In that phase, where Basel were catching up, the team played great football, domestically and internationally. Being able to switch between systems (3-4-3 and 4-2-3-1) really helped the team cope with different opposition. Obviously the fans expect to win at least the league title, but while there are still two head to head games against Bern left, many fans are less confident about winning the title then they have been in past years. Luckily though, Young Boys are known for botching up their title chances, so let’s hope that tradition continues. On the other hand, the results in the Champions League have been very surprising and pleasing. Not many expected that Basel would be able to advance from such a strong group. Now having the chance to play in the Round of 16 once again is great, but no fan expects to go further into the tournament from this point on.

January was an interesting window for FC Basel with several first-team players leaving the Swiss club. How much impact will that have on the team?

Chris: We saw the return of former FC Basel players Stocker, Frei and Campo, all of which can help this team in the coming years. Personally, I think Steffen’s loss can be replaced and has been done so well. Akanji is a different story. The young center back has been a vital part of our team in the past few months and has been playing great football. We signed Leo Lacroix on loan to replace the missing CB, while Eder Balanta moved up in the hierarchy to replace Akanji. It’s difficult to tell if he will be able to fill the spot, but I’m hopeful.

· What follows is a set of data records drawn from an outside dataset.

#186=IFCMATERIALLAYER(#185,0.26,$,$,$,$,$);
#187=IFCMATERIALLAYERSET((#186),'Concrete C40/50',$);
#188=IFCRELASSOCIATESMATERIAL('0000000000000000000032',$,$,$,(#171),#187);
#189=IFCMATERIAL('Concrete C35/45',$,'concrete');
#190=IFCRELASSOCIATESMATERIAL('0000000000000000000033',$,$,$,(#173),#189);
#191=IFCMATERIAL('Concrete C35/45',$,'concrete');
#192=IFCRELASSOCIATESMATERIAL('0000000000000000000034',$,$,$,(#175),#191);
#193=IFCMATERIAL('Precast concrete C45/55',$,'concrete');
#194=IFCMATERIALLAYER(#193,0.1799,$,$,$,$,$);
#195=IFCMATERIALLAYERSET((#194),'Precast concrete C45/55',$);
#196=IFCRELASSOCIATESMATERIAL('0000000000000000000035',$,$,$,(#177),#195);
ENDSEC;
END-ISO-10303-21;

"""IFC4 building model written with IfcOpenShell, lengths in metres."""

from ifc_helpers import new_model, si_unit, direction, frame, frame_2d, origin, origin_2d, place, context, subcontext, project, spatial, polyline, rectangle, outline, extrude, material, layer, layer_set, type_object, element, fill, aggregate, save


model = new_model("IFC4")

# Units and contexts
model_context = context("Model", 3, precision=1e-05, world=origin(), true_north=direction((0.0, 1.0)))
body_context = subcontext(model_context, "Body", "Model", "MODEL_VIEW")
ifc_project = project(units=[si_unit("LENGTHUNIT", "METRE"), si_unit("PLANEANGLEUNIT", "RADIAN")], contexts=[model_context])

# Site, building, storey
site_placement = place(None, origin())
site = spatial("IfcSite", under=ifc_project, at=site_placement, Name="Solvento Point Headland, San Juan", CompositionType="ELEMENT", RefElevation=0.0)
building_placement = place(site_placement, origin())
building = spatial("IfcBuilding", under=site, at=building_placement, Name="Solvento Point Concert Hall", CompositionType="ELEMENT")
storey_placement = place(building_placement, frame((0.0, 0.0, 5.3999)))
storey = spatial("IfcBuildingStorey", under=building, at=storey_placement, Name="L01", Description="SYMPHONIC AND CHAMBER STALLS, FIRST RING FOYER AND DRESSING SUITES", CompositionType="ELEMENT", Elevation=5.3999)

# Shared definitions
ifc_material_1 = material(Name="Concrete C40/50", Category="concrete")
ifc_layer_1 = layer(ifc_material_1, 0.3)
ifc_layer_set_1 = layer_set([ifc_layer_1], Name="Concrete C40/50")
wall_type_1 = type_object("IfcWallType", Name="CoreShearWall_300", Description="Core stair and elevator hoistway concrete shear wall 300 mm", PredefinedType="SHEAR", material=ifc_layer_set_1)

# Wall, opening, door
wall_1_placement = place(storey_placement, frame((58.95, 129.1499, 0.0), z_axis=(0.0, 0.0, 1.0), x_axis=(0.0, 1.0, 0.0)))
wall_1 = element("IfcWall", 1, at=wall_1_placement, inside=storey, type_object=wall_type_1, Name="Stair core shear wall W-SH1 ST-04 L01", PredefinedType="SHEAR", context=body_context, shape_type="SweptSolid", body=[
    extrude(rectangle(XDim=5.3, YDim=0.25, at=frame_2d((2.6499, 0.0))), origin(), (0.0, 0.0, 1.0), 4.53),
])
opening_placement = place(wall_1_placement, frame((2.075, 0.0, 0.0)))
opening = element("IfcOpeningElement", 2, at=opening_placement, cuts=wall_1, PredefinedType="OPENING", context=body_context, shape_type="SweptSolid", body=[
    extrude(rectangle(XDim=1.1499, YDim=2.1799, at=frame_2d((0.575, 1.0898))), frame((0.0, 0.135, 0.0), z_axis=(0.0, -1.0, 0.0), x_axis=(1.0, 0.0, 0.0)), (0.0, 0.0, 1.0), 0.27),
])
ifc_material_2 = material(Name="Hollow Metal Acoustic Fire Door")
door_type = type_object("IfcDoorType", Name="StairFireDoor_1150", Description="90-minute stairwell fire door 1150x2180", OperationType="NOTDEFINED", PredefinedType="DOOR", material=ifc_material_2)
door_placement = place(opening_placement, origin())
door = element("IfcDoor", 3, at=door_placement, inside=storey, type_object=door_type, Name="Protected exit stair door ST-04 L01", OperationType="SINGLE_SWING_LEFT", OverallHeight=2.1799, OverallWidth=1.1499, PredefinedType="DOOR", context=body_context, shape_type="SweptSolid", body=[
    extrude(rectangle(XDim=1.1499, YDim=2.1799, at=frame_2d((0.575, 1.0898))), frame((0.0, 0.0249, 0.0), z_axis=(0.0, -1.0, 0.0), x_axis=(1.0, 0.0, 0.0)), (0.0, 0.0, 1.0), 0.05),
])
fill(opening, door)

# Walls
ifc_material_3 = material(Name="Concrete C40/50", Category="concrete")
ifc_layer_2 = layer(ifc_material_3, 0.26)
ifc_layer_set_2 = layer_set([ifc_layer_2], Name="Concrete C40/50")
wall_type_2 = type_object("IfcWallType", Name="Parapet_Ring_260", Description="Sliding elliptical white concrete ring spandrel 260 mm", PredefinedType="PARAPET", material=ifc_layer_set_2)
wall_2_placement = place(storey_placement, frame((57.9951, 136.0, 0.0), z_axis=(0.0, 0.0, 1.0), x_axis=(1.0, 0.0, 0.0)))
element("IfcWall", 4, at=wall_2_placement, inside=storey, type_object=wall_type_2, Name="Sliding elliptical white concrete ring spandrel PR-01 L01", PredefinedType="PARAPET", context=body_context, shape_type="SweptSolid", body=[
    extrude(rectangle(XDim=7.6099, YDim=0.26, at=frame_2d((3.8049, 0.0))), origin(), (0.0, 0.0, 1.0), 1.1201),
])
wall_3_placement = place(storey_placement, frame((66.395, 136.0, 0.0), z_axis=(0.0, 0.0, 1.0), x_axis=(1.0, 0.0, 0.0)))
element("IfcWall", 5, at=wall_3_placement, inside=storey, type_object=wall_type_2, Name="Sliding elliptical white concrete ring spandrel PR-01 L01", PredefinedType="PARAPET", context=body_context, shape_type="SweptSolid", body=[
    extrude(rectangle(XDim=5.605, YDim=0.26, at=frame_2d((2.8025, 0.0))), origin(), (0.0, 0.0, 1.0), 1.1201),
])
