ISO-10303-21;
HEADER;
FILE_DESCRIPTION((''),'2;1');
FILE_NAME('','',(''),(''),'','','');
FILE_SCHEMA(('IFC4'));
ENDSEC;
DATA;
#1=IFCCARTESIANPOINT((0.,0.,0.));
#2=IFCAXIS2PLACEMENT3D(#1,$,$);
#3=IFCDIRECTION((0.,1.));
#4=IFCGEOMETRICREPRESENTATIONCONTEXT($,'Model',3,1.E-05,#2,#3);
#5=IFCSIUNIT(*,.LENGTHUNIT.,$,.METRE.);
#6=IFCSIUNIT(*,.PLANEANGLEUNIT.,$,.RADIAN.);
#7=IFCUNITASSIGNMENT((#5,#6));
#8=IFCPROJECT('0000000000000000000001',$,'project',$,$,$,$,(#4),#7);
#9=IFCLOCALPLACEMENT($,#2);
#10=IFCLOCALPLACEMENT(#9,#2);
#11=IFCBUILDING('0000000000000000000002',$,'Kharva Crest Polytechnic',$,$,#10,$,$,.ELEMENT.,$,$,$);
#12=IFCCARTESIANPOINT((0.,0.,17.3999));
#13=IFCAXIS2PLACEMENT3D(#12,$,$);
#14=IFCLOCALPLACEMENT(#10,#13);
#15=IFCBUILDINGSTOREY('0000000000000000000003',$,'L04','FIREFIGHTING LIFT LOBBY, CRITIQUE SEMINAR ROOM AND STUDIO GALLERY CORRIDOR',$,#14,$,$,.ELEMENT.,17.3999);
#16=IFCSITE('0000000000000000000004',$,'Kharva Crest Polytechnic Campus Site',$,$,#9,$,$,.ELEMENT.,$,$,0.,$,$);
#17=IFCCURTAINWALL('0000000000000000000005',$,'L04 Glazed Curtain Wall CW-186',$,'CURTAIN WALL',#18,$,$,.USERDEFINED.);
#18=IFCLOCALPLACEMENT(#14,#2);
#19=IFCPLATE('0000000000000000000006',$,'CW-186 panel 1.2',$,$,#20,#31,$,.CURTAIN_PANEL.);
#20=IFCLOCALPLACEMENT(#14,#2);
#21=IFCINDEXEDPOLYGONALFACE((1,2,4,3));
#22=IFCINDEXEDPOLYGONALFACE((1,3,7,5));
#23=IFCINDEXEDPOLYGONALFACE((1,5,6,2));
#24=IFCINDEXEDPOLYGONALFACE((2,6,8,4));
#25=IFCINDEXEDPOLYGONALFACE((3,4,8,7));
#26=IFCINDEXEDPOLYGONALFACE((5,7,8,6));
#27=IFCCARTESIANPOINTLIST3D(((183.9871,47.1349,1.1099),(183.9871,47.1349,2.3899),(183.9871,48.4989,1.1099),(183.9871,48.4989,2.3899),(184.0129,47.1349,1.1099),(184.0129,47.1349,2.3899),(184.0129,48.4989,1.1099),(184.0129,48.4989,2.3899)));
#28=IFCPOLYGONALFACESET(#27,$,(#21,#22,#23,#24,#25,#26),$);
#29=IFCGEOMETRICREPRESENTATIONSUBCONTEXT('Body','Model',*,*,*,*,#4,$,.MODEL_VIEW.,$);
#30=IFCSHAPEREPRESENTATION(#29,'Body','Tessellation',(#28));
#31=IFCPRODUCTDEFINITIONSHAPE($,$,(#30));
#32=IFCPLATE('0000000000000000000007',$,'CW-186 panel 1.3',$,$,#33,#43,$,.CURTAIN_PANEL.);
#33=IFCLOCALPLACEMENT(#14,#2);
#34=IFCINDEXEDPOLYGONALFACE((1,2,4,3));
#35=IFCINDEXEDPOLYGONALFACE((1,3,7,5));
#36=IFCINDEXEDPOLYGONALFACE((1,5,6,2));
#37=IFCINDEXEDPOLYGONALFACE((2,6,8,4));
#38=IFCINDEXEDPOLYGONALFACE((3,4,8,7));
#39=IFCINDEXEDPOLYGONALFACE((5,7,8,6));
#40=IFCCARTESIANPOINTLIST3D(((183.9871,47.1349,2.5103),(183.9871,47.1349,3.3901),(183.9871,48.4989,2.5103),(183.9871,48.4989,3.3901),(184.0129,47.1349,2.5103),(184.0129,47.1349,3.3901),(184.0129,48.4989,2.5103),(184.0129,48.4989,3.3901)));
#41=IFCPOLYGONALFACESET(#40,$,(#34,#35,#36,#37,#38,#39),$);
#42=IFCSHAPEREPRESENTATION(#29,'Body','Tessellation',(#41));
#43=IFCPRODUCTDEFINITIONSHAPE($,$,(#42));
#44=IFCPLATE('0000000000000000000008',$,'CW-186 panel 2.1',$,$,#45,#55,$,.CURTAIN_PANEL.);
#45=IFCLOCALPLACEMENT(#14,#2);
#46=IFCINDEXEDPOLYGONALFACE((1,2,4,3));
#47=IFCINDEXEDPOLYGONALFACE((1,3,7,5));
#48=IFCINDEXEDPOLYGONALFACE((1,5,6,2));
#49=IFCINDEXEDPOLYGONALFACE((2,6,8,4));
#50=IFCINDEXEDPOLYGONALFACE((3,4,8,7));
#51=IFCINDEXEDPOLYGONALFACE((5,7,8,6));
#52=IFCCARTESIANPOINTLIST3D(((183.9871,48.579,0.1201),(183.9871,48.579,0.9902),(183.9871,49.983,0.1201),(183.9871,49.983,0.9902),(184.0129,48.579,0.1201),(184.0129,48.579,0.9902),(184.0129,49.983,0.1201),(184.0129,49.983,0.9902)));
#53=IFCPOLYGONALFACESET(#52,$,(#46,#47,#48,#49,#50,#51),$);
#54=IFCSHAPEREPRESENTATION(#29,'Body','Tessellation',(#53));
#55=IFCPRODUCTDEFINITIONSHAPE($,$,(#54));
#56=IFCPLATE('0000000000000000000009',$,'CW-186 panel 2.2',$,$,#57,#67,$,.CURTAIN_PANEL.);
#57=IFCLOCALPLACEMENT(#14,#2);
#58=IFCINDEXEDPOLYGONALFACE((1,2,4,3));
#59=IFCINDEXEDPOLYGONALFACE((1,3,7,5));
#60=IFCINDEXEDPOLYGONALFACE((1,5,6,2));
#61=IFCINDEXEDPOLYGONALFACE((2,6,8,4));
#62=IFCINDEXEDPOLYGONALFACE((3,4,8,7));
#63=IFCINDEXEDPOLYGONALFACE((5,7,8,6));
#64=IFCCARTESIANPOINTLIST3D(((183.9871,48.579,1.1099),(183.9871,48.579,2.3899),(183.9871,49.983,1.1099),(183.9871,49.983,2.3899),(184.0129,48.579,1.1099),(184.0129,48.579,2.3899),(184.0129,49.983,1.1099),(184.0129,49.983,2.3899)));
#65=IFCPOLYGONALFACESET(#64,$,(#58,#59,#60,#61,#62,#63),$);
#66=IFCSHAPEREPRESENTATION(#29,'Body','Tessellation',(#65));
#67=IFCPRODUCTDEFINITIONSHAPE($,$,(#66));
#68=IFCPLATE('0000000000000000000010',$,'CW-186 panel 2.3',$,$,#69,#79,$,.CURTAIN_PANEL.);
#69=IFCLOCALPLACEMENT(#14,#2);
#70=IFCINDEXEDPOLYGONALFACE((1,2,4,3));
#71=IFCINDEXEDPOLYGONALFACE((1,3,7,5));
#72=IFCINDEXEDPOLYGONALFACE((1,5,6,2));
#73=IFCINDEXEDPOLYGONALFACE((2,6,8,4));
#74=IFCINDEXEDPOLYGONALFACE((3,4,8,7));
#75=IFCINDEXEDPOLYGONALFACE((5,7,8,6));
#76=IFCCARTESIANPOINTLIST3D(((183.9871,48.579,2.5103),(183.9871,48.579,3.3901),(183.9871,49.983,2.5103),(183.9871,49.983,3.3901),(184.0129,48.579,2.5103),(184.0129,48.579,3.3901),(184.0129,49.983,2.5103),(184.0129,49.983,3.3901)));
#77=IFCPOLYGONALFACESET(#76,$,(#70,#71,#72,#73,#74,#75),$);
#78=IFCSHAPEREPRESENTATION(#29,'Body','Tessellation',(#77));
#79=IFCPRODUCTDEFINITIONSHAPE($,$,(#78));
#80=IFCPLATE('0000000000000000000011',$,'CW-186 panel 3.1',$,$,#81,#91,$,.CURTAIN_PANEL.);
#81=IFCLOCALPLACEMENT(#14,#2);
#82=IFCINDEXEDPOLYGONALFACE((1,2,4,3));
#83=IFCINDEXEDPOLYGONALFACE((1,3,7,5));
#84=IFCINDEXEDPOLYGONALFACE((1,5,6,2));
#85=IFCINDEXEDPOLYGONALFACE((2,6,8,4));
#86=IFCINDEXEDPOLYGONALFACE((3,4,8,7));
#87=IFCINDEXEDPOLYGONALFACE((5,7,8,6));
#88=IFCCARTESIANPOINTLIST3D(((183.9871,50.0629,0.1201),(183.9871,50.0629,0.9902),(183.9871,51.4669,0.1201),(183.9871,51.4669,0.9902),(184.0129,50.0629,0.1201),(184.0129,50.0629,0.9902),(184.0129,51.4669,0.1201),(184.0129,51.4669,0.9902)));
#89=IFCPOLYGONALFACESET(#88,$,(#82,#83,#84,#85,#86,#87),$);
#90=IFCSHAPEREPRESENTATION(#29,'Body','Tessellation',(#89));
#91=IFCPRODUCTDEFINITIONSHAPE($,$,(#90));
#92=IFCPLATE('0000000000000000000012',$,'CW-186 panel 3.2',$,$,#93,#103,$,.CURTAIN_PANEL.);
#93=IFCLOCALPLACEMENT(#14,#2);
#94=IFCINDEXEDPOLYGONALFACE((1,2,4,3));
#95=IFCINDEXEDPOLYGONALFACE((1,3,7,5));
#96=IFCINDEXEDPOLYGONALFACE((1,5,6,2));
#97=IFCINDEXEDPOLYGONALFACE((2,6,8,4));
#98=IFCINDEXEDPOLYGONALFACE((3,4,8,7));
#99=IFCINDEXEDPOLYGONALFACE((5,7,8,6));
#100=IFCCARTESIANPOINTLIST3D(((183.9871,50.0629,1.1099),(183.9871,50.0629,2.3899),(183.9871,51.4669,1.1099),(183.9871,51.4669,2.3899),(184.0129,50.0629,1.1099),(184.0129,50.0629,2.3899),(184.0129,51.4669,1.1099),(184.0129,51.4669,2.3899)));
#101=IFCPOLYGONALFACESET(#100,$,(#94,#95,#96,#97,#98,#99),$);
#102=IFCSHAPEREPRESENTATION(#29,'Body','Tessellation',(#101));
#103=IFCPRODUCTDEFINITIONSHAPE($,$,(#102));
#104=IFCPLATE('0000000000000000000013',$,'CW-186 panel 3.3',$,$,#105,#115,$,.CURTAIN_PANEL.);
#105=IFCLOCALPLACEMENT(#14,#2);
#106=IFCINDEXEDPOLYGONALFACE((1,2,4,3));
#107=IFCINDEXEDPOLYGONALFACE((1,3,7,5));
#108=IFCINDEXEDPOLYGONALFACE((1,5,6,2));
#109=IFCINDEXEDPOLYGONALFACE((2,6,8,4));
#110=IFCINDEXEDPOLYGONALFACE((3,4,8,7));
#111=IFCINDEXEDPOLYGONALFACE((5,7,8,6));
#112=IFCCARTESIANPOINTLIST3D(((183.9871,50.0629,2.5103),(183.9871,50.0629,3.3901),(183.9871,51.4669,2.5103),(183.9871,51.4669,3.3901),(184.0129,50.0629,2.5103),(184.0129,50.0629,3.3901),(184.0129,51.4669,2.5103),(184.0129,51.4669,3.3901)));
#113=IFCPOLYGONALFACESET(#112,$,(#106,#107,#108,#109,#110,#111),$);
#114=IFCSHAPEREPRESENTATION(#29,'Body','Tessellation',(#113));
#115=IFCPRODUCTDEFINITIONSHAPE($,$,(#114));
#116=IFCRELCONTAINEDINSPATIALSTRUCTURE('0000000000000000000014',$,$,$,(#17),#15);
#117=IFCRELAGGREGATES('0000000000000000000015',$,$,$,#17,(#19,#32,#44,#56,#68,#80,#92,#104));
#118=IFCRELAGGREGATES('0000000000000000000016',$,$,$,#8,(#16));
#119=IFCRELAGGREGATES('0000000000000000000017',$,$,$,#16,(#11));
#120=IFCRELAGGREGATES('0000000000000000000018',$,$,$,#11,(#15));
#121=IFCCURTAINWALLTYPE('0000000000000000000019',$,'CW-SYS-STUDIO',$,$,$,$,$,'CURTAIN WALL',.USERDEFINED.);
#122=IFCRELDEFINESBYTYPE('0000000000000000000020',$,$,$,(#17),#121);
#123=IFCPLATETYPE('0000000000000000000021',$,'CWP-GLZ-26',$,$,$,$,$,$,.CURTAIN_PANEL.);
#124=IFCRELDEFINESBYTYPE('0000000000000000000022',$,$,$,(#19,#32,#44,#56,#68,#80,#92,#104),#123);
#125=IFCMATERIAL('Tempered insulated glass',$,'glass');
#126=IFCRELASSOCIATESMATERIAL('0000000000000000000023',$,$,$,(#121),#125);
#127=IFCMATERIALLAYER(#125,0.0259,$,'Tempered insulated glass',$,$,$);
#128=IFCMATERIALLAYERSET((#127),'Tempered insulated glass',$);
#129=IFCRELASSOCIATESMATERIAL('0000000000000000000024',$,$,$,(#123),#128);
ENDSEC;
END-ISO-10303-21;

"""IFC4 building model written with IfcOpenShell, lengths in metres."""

from ifc_helpers import new_model, si_unit, direction, frame, origin, origin_2d, place, context, subcontext, project, spatial, rectangle, extrude, material, layer, layer_set, type_object, element, aggregate, save


model = new_model("IFC4")

# Units and contexts
model_context = context("Model", 3, precision=1e-05, world=origin(), true_north=direction((0.0, 1.0)))
body_context = subcontext(model_context, "Body", "Model", "MODEL_VIEW")
ifc_project = project(units=[si_unit("LENGTHUNIT", "METRE"), si_unit("PLANEANGLEUNIT", "RADIAN")], contexts=[model_context])

# Site, building, storey
site_placement = place(None, origin())
site = spatial("IfcSite", under=ifc_project, at=site_placement, Name="Kharva Crest Polytechnic Campus Site", CompositionType="ELEMENT", RefElevation=0.0)
building_placement = place(site_placement, origin())
building = spatial("IfcBuilding", under=site, at=building_placement, Name="Kharva Crest Polytechnic", CompositionType="ELEMENT")
storey_placement = place(building_placement, frame((0.0, 0.0, 17.3999)))
storey = spatial("IfcBuildingStorey", under=building, at=storey_placement, Name="L04", Description="FIREFIGHTING LIFT LOBBY, CRITIQUE SEMINAR ROOM AND STUDIO GALLERY CORRIDOR", CompositionType="ELEMENT", Elevation=17.3999)

# Curtain wall, plates
ifc_material_1 = material(Name="Tempered insulated glass", Category="glass")
curtain_wall_type = type_object("IfcCurtainWallType", Name="CW-SYS-STUDIO", ElementType="CURTAIN WALL", PredefinedType="USERDEFINED", material=ifc_material_1)
curtain_wall_placement = place(storey_placement, origin())
curtain_wall = element("IfcCurtainWall", 1, at=curtain_wall_placement, inside=storey, type_object=curtain_wall_type, Name="L04 Glazed Curtain Wall CW-186", ObjectType="CURTAIN WALL", PredefinedType="USERDEFINED")
ifc_layer = layer(ifc_material_1, 0.0259, Name="Tempered insulated glass")
ifc_layer_set = layer_set([ifc_layer], Name="Tempered insulated glass")
plate_type = type_object("IfcPlateType", Name="CWP-GLZ-26", PredefinedType="CURTAIN_PANEL", material=ifc_layer_set)
plate_1_placement = place(storey_placement, frame((184.0, 47.8169, 1.1099), z_axis=(0.0, 0.0, 1.0), x_axis=(0.0, 1.0, 0.0)))
plate_1 = element("IfcPlate", 2, at=plate_1_placement, type_object=plate_type, Name="CW-186 panel 1.2", PredefinedType="CURTAIN_PANEL", context=body_context, shape_type="SweptSolid", body=[
    extrude(rectangle(XDim=1.364, YDim=0.0259, at=origin_2d()), origin(), (0.0, 0.0, 1.0), 1.28),
])
plate_2_placement = place(storey_placement, frame((184.0, 47.8169, 2.5103), z_axis=(0.0, 0.0, 1.0), x_axis=(0.0, 1.0, 0.0)))
plate_2 = element("IfcPlate", 3, at=plate_2_placement, type_object=plate_type, Name="CW-186 panel 1.3", PredefinedType="CURTAIN_PANEL", context=body_context, shape_type="SweptSolid", body=[
    extrude(rectangle(XDim=1.364, YDim=0.0259, at=origin_2d()), origin(), (0.0, 0.0, 1.0), 0.8799),
])
plate_3_placement = place(storey_placement, frame((184.0, 49.281, 0.1201), z_axis=(0.0, 0.0, 1.0), x_axis=(0.0, 1.0, 0.0)))
plate_3 = element("IfcPlate", 4, at=plate_3_placement, type_object=plate_type, Name="CW-186 panel 2.1", PredefinedType="CURTAIN_PANEL", context=body_context, shape_type="SweptSolid", body=[
    extrude(rectangle(XDim=1.4041, YDim=0.0259, at=origin_2d()), origin(), (0.0, 0.0, 1.0), 0.8701),
])
plate_4_placement = place(storey_placement, frame((184.0, 49.281, 1.1099), z_axis=(0.0, 0.0, 1.0), x_axis=(0.0, 1.0, 0.0)))
plate_4 = element("IfcPlate", 5, at=plate_4_placement, type_object=plate_type, Name="CW-186 panel 2.2", PredefinedType="CURTAIN_PANEL", context=body_context, shape_type="SweptSolid", body=[
    extrude(rectangle(XDim=1.4041, YDim=0.0259, at=origin_2d()), origin(), (0.0, 0.0, 1.0), 1.28),
])
plate_5_placement = place(storey_placement, frame((184.0, 49.281, 2.5103), z_axis=(0.0, 0.0, 1.0), x_axis=(0.0, 1.0, 0.0)))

Other players that left the team, generally weren’t that important or are youth prospects, that went out on loan to receive some playing time. The core of the team is still the same, so hopefully they will soon find back to former strength, as the first two games after the winter break haven’t been too good.

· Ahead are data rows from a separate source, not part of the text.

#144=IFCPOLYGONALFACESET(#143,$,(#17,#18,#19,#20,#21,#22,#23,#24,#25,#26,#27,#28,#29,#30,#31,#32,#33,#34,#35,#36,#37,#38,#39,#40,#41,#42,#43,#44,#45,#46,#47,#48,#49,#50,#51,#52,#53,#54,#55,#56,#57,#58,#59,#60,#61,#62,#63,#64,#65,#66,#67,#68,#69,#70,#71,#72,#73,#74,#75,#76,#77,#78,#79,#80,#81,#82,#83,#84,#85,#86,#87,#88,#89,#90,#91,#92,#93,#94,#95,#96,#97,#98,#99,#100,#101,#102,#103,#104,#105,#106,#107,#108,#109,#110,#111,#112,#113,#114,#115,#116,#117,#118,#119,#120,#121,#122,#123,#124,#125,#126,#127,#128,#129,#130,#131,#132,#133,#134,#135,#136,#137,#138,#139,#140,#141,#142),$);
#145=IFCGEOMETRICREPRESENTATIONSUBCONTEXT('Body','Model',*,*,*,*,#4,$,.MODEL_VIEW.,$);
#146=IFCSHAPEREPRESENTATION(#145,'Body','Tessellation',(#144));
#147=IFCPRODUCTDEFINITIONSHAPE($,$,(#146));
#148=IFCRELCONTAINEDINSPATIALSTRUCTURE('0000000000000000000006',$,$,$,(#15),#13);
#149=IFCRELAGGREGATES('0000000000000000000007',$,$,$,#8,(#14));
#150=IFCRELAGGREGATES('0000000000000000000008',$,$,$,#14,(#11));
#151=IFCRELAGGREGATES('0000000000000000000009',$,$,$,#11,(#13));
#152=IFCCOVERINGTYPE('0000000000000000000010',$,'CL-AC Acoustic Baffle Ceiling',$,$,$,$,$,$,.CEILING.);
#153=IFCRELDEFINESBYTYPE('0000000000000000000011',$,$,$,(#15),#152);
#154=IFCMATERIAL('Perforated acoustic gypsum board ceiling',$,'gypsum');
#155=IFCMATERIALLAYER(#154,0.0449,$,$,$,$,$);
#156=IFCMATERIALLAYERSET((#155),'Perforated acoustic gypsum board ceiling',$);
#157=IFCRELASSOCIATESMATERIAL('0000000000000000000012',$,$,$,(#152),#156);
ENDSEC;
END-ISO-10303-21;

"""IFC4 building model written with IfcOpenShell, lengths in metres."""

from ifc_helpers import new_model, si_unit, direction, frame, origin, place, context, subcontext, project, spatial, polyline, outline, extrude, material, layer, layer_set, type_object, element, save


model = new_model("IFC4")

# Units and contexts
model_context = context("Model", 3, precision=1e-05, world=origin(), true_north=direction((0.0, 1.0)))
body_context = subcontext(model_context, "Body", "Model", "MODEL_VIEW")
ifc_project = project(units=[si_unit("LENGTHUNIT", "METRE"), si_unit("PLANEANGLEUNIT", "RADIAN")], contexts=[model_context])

Chris: On Tuesday, Dimitri Oberlin, Michael Lang and Mohamed Elyounoussi. All three are capable of launching attacks which can create chances. They will also probably be those that create the largest threat to Man City, if any.

In future, Oberlin, Elyounoussi and Petretta who are in the team for Tuesday. Furthermore, we’ve got a few interesting youth prospects in our Youth League team / U21 team. To name two: Noah Okafor and Afimico Pululu. Both are also part of the first team squad, but generally play for the U21 team. Both are offensive players and have been showing promising performances in the Youth League. 


What have you made of Manchester City and Pep Guardiola this season? 

Chris: They play fantastic football with insane offensive power. Probably the best team around right now together with Barcelona and PSG. We’ll see how far they can make it in the Champions League, luckily they’ve already pretty much won the Premier League so they can focus on the other trophies and maybe even complete a quadruple.

One Manchester City player you’d have at FC Basel?

Chris: Kevin De Bruyne. One of two stellar figures (other being Salah) this season in the Premier League. Can decide a game with his fantastic assists, which is something we’re lacking at the moment.

Predictions for this tie?

Chris: The divide is simply too big between both teams. But football is football, so you never know.

Hopefully: A close 1-1 in Basel and a narrow 1-2 loss in Manchester.

Realistically: A lucky 1-3 in Basel and a harsh 0-4 loss in Manchester.